Мы приказали учредить довольный завтрак и вышли к гостям. «Ради бога, — сказал Леонид, — известите обстоятельно, что привело отца моего в столь жалостное состояние?» — «Это произошло так мгновенно, — отвечал один из старшин, — что никто не видал промежутка между началом и концом. Когда все чиноначальники собрались в приемной палате, ожидая повелений гетмана, то дворцовый старшина, вышед из внутренних покоев с письмом в руке, подал оное Калестину. Как только сей прочел, ужасный сумрак покрыл лицо его. Трепеща весь, свернул он бумагу, положил в карман и хотел закрутить усы; но рука опустилась, он задрожал и, конечно, упал бы на пол, если б не был поддержан. Мы вывели его на двор, усадили на коня и привезли сюда. Более ничего не знаем».

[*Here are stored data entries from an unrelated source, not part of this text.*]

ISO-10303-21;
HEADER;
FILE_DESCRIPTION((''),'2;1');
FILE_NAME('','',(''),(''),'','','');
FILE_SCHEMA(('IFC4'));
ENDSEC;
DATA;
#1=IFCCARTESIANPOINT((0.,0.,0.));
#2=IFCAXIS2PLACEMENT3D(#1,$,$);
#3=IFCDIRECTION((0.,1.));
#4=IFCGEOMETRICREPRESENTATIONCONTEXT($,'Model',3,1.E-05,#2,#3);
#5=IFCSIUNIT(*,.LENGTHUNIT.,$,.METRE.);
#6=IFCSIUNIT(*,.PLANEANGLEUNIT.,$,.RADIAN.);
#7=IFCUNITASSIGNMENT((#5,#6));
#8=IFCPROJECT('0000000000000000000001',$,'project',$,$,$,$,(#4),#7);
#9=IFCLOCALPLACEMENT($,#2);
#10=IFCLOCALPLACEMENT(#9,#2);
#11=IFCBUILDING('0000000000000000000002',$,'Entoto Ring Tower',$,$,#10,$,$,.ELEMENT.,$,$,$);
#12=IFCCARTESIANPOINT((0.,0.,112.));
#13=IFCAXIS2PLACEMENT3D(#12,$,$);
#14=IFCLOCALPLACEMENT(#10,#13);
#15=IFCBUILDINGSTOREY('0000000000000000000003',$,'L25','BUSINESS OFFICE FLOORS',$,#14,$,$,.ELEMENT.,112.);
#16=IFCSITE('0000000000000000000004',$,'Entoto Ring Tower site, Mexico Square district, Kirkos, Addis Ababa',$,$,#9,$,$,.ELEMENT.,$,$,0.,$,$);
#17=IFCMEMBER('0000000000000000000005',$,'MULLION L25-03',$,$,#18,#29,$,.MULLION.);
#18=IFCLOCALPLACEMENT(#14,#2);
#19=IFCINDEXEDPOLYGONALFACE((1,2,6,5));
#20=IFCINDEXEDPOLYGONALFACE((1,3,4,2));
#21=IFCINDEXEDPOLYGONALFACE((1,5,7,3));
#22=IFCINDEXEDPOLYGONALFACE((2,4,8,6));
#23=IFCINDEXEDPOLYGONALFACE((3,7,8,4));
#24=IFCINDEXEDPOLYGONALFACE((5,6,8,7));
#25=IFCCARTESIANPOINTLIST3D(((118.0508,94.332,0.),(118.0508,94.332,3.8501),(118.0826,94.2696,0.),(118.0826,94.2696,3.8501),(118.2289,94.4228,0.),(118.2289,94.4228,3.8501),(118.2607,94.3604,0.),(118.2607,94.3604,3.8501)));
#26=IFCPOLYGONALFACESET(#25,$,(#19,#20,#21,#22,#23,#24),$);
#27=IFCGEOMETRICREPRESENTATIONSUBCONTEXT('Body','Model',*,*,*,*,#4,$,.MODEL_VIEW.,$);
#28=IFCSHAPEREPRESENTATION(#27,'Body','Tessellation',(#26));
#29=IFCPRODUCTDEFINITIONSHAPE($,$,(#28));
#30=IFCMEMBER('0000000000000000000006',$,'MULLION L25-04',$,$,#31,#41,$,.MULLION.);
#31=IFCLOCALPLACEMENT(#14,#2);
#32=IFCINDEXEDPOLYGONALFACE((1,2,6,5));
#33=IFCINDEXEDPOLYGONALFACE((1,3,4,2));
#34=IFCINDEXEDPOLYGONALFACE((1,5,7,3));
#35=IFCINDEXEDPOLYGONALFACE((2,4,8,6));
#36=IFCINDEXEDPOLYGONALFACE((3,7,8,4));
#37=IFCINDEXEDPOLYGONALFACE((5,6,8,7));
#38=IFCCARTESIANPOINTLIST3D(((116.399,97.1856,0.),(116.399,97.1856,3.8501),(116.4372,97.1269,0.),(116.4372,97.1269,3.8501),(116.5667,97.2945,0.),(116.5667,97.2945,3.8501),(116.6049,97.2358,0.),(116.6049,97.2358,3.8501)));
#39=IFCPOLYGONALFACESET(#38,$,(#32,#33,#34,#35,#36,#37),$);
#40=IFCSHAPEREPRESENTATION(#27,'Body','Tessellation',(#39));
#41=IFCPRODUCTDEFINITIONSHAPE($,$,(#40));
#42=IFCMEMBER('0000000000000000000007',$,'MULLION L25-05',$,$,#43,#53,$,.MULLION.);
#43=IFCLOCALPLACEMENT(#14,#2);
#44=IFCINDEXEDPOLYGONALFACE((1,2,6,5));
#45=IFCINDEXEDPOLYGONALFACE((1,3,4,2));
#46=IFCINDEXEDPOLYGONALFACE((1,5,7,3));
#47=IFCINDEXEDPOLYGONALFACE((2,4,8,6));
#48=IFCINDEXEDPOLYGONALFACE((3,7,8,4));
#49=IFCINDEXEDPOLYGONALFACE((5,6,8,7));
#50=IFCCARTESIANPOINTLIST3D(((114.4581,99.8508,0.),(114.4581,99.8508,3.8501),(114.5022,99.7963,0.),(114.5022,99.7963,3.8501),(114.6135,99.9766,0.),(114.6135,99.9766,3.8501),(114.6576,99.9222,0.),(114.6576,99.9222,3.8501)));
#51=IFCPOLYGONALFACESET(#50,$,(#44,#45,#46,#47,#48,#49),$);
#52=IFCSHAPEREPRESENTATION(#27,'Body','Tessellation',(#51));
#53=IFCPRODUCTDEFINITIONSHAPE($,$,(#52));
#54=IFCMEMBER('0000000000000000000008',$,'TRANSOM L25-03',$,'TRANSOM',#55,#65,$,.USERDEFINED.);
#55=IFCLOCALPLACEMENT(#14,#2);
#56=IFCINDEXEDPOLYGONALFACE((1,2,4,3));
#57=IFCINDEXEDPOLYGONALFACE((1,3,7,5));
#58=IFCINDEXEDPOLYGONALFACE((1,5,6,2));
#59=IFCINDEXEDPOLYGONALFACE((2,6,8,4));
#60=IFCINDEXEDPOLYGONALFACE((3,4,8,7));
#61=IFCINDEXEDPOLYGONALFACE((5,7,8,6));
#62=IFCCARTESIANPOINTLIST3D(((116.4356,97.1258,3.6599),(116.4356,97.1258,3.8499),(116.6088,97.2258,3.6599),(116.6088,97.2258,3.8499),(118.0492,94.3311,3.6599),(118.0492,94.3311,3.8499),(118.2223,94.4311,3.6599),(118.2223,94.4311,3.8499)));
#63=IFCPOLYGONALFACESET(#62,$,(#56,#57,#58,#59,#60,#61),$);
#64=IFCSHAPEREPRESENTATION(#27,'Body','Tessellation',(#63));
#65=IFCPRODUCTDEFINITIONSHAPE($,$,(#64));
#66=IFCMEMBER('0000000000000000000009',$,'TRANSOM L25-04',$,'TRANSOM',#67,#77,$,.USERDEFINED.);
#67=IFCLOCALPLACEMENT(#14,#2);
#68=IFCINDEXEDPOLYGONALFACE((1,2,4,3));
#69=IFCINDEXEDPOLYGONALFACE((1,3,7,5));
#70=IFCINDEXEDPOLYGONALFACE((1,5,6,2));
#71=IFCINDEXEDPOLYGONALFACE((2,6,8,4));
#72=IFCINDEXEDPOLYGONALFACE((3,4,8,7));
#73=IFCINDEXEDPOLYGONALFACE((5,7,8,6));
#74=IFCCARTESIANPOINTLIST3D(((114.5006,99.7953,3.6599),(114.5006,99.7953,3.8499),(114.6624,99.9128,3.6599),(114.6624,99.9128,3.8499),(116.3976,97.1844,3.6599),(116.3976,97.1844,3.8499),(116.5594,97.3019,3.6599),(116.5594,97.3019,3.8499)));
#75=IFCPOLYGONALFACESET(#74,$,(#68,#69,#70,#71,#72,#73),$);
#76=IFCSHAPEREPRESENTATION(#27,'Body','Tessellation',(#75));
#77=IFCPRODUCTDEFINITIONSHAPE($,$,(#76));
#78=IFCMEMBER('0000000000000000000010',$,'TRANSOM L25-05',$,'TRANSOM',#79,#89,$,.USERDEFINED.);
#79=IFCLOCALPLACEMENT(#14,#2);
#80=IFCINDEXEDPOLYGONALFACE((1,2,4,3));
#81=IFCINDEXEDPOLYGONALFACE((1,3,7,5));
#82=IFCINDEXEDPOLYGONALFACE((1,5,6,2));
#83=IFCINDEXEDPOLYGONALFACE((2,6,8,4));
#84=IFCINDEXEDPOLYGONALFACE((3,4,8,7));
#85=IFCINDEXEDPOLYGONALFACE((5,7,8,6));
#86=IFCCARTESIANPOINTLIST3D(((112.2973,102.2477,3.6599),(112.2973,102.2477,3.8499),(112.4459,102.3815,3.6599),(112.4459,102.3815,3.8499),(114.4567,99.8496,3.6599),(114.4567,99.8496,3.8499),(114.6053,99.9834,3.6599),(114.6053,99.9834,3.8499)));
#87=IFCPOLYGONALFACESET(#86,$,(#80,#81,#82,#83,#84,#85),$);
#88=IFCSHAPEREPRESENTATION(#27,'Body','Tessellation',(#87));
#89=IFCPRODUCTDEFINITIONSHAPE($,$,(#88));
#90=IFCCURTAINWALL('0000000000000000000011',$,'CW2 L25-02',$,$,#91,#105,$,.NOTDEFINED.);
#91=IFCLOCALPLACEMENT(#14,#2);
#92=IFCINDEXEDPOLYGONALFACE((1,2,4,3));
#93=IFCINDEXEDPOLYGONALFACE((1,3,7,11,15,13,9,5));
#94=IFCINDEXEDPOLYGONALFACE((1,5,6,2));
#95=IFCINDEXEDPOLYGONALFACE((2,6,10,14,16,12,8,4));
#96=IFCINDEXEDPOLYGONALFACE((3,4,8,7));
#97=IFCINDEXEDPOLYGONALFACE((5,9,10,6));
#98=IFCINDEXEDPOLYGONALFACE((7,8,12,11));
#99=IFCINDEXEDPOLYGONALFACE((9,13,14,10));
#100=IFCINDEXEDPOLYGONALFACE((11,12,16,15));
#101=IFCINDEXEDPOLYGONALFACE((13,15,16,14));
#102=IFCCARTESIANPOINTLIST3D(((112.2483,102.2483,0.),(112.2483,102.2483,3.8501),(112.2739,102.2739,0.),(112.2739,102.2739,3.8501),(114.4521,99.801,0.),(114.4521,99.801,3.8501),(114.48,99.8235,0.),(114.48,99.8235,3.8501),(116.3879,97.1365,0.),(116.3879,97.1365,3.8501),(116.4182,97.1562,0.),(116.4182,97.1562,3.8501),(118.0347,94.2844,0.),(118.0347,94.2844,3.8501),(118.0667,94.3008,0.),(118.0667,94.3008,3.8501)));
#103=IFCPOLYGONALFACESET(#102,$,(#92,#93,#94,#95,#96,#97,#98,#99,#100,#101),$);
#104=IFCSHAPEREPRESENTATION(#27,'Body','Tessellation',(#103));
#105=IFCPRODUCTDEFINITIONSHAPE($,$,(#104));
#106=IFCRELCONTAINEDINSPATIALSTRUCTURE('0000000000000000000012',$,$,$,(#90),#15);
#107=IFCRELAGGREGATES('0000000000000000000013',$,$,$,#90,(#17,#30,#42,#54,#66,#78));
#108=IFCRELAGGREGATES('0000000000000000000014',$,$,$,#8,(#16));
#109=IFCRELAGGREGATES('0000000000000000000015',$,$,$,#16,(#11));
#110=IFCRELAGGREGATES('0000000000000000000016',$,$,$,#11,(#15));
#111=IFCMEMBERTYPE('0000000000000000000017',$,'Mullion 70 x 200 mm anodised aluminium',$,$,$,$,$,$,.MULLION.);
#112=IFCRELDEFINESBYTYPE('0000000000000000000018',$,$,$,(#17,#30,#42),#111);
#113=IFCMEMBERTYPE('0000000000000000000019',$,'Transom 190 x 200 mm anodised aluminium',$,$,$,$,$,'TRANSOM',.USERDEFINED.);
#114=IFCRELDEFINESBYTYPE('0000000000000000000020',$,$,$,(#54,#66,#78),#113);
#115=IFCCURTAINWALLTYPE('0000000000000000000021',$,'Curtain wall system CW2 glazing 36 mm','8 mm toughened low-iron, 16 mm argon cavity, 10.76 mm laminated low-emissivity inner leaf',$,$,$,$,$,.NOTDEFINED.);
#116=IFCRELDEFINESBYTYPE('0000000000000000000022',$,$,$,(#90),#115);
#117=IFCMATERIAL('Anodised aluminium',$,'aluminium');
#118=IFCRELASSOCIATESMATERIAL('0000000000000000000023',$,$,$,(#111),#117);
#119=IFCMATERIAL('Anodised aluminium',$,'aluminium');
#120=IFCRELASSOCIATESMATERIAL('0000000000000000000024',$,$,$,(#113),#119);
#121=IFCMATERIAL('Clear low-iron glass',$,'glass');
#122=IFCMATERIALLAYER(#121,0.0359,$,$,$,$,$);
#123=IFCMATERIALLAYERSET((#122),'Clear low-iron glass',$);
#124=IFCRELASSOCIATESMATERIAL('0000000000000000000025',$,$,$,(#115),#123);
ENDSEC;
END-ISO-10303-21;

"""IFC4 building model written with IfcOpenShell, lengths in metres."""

from ifc_helpers import new_model, si_unit, direction, frame, origin, origin_2d, place, context, subcontext, project, spatial, polyline, rectangle, outline, extrude, material, layer, layer_set, material_profile, profile_set, type_object, element, aggregate, save


model = new_model("IFC4")

# Units and contexts
model_context = context("Model", 3, precision=1e-05, world=origin(), true_north=direction((0.0, 1.0)))
body_context = subcontext(model_context, "Body", "Model", "MODEL_VIEW")
ifc_project = project(units=[si_unit("LENGTHUNIT", "METRE"), si_unit("PLANEANGLEUNIT", "RADIAN")], contexts=[model_context])

# Members
ifc_material_1 = material(Name="Anodised aluminium", Category="aluminium")
ifc_material_profile_1 = material_profile(ifc_material_1, rectangle(XDim=0.0701, YDim=0.2, at=origin_2d()), Name="Mullion 70 x 200 mm anodised aluminium")
ifc_profile_set_1 = profile_set([ifc_material_profile_1], Name="Anodised aluminium")
member_type_1 = type_object("IfcMemberType", Name="Mullion 70 x 200 mm anodised aluminium", PredefinedType="MULLION", material=ifc_profile_set_1)
site_placement = place(None, origin())
building_placement = place(site_placement, origin())
storey_placement = place(building_placement, frame((0.0, 0.0, 112.0)))
member_1_placement = place(storey_placement, frame((118.1558, 94.3462, 0.0), z_axis=(0.0, 0.0, 1.0), x_axis=(-0.45399, 0.891007, 0.0)))
member_1 = element("IfcMember", 1, at=member_1_placement, type_object=member_type_1, Name="MULLION L25-03", PredefinedType="MULLION", context=body_context, shape_type="SweptSolid", body=[
    extrude(rectangle(XDim=0.0701, YDim=0.2, at=origin_2d()), origin(), (0.0, 0.0, 1.0), 3.8501),
])
member_2_placement = place(storey_placement, frame((116.502, 97.2107, 0.0), z_axis=(0.0, 0.0, 1.0), x_axis=(-0.544639, 0.838671, 0.0)))
member_2 = element("IfcMember", 2, at=member_2_placement, type_object=member_type_1, Name="MULLION L25-04", PredefinedType="MULLION", context=body_context, shape_type="SweptSolid", body=[
    extrude(rectangle(XDim=0.0701, YDim=0.2, at=origin_2d()), origin(), (0.0, 0.0, 1.0), 3.8501),
])
member_3_placement = place(storey_placement, frame((114.5579, 99.8865, 0.0), z_axis=(0.0, 0.0, 1.0), x_axis=(-0.62932, 0.777146, 0.0)))
member_3 = element("IfcMember", 3, at=member_3_placement, type_object=member_type_1, Name="MULLION L25-05", PredefinedType="MULLION", context=body_context, shape_type="SweptSolid", body=[
    extrude(rectangle(XDim=0.0701, YDim=0.2, at=origin_2d()), origin(), (0.0, 0.0, 1.0), 3.8501),
])
ifc_material_2 = material(Name="Anodised aluminium", Category="aluminium")
ifc_material_profile_2 = material_profile(ifc_material_2, rectangle(XDim=0.2, YDim=0.1899, at=origin_2d()), Name="Transom 190 x 200 mm anodised aluminium")
ifc_profile_set_2 = profile_set([ifc_material_profile_2], Name="Anodised aluminium")
member_type_2 = type_object("IfcMemberType", Name="Transom 190 x 200 mm anodised aluminium", ElementType="TRANSOM", PredefinedType="USERDEFINED", material=ifc_profile_set_2)
member_4_placement = place(storey_placement, frame((118.1357, 94.3811, 3.7549), z_axis=(-0.500004, 0.866023, 0.0), x_axis=(-0.866023, -0.500004, 0.0)))
member_4 = element("IfcMember", 4, at=member_4_placement, type_object=member_type_2, Name="TRANSOM L25-03", ObjectType="TRANSOM", PredefinedType="USERDEFINED", context=body_context, shape_type="SweptSolid", body=[
    extrude(rectangle(XDim=0.2, YDim=0.1899, at=origin_2d()), origin(), (0.0, 0.0, 1.0), 3.2271),
])
member_5_placement = place(storey_placement, frame((116.4785, 97.2432, 3.7549), z_axis=(-0.587803, 0.809004, 0.0), x_axis=(-0.809004, -0.587803, 0.0)))
member_5 = element("IfcMember", 5, at=member_5_placement, type_object=member_type_2, Name="TRANSOM L25-04", ObjectType="TRANSOM", PredefinedType="USERDEFINED", context=body_context, shape_type="SweptSolid", body=[
    extrude(rectangle(XDim=0.2, YDim=0.1899, at=origin_2d()), origin(), (0.0, 0.0, 1.0), 3.2273),
])
member_6_placement = place(storey_placement, frame((114.531, 99.9165, 3.7549), z_axis=(-0.669144, 0.743132, 0.0), x_axis=(-0.743132, -0.669144, 0.0)))
member_6 = element("IfcMember", 6, at=member_6_placement, type_object=member_type_2, Name="TRANSOM L25-05", ObjectType="TRANSOM", PredefinedType="USERDEFINED", context=body_context, shape_type="SweptSolid", body=[
    extrude(rectangle(XDim=0.2, YDim=0.1899, at=origin_2d()), origin(), (0.0, 0.0, 1.0), 3.2271),
])
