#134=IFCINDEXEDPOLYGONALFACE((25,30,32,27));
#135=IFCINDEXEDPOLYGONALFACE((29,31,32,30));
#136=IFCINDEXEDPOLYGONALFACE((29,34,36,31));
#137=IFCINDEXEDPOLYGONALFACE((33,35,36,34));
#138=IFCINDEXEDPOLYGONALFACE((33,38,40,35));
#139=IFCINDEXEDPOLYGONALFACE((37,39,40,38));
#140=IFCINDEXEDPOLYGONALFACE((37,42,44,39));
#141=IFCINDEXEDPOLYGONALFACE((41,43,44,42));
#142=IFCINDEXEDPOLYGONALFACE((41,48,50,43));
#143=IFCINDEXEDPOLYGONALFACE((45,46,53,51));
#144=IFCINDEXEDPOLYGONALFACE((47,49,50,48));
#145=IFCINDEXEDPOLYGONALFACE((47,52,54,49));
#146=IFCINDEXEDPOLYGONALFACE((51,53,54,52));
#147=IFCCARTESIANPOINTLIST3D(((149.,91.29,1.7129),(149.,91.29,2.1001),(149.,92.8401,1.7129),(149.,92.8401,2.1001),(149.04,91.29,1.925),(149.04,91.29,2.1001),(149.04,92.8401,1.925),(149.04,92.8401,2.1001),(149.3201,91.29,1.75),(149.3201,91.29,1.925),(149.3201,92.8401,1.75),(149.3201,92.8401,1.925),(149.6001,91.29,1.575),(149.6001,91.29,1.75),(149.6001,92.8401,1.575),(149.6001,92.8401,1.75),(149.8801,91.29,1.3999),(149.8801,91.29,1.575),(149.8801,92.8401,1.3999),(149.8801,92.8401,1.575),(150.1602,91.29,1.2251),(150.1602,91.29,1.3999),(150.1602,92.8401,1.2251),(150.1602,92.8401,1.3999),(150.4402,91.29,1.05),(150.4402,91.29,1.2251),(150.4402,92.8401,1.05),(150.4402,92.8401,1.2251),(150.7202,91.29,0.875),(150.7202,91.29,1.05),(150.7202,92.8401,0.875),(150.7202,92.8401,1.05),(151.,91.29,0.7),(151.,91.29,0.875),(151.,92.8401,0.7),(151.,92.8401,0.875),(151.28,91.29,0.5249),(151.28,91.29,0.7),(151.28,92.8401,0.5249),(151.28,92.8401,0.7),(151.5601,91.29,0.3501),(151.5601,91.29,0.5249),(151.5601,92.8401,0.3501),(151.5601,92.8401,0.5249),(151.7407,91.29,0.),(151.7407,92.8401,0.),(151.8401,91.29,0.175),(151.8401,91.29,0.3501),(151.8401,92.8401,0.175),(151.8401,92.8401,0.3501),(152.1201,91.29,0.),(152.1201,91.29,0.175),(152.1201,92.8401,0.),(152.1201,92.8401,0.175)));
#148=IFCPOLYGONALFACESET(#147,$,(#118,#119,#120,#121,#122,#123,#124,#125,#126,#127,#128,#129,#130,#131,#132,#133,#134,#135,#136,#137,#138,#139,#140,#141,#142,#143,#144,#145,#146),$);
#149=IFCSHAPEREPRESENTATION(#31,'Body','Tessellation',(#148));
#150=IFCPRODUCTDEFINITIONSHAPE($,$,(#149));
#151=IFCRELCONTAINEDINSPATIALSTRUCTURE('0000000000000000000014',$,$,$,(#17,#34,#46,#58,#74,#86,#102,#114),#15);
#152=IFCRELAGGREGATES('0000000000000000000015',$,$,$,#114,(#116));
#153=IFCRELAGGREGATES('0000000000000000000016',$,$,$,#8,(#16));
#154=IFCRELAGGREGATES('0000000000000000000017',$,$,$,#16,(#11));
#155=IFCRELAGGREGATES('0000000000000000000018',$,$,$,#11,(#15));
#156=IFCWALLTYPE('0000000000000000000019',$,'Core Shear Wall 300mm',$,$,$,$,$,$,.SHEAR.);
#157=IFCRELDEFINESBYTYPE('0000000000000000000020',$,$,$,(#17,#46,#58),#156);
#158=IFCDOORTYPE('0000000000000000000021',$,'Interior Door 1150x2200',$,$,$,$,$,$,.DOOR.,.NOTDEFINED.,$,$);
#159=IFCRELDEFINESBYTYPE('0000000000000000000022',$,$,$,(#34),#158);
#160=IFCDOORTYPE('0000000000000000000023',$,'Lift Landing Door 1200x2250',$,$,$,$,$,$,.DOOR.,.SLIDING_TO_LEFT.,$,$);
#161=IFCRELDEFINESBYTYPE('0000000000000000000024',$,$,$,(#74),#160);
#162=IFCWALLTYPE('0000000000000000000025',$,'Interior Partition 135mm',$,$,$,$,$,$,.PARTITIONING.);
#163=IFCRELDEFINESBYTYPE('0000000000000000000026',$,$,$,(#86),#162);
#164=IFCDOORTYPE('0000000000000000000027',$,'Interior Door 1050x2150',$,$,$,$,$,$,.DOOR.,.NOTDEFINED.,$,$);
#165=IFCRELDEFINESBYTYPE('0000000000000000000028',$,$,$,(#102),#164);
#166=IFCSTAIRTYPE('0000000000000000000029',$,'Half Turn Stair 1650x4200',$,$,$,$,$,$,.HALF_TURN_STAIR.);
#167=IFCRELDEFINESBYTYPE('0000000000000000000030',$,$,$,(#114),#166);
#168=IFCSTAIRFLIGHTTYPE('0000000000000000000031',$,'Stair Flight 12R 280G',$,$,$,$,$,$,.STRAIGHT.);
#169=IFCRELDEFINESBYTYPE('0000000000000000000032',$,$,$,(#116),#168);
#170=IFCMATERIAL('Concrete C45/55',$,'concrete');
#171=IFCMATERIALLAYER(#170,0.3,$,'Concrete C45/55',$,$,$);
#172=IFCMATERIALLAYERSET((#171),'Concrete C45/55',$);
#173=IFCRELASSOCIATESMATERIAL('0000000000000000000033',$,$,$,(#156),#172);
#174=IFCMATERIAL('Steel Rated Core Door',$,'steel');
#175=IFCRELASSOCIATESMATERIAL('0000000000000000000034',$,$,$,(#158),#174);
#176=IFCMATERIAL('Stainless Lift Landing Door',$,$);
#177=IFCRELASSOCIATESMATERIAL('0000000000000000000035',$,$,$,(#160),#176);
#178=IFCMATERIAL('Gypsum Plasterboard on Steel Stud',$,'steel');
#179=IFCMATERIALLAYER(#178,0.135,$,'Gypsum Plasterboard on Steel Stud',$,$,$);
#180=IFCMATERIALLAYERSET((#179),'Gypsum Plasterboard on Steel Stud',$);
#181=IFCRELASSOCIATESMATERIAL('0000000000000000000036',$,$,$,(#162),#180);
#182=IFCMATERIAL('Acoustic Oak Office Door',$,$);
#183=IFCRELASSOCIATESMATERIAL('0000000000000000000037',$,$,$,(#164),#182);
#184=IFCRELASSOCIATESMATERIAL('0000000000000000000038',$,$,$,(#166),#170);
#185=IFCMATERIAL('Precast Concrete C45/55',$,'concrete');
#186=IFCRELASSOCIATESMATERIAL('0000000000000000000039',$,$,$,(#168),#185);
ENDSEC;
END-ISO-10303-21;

По окончании затрака гости удалились. Леонид, вынув письмо, сказал: «Я наперед предчувствую, что тут написано, смотреть на один почерк руки гетманской для меня противно. Читай ты». Я прочел вслух сии строки:
«Почтеннейший друг Калестин! тебе известно, что с переменою обстоятельств неминуемо переменяются и наши преднамерения. Сохранять прежнюю к тебе дружбу поставлю за самую святую и приятную обязанность, если и ты согласишься остаться в пределах должной умеренности. Сына твоего люблю по-прежнему и сочту за верх удовольствия доказать то на опыте, возведя его так высоко, как только власть моя дозволит, но — дочери моей за него не отдам. Ты знаешь, что, восшедши на степень гетмана, я перестал принадлежать себе, а сделался отцом всего народа. Сын великого гетмана литовского ищет руки Евгении, отец его настоятельно о сем просит. Посуди, какие последствия могут произойти в случае отказа! Неужели кровию народа, вверенного провидением моему попечению, должен я жертвовать в угодности молодому человеку, который — по обыкновенному ходу природы, — потеряв свою любезную, прежде погрустит, потом успокоится, а наконец — как водится — найдет любезнейшую, и прежняя совершенно забудется. Будь великодушен, Калестин, и на меня не ропщи. Если бы ты избран был главою народа, и тот же литовский гетман предложил бы тебе мир, а твоему Леониду руку своей дочери, скажи по совести, стал ли бы ты колебаться и не была ль бы оставлена моя Евгения? Если бы ты поступил не так, то поступил бы не как гетман, а как обыкновенный отец, следовательно, поступил бы весьма несогласно с общею пользою, то есть поступил бы неразумно. Прости и будь здоров. Ввечеру увидимся и побеседуем.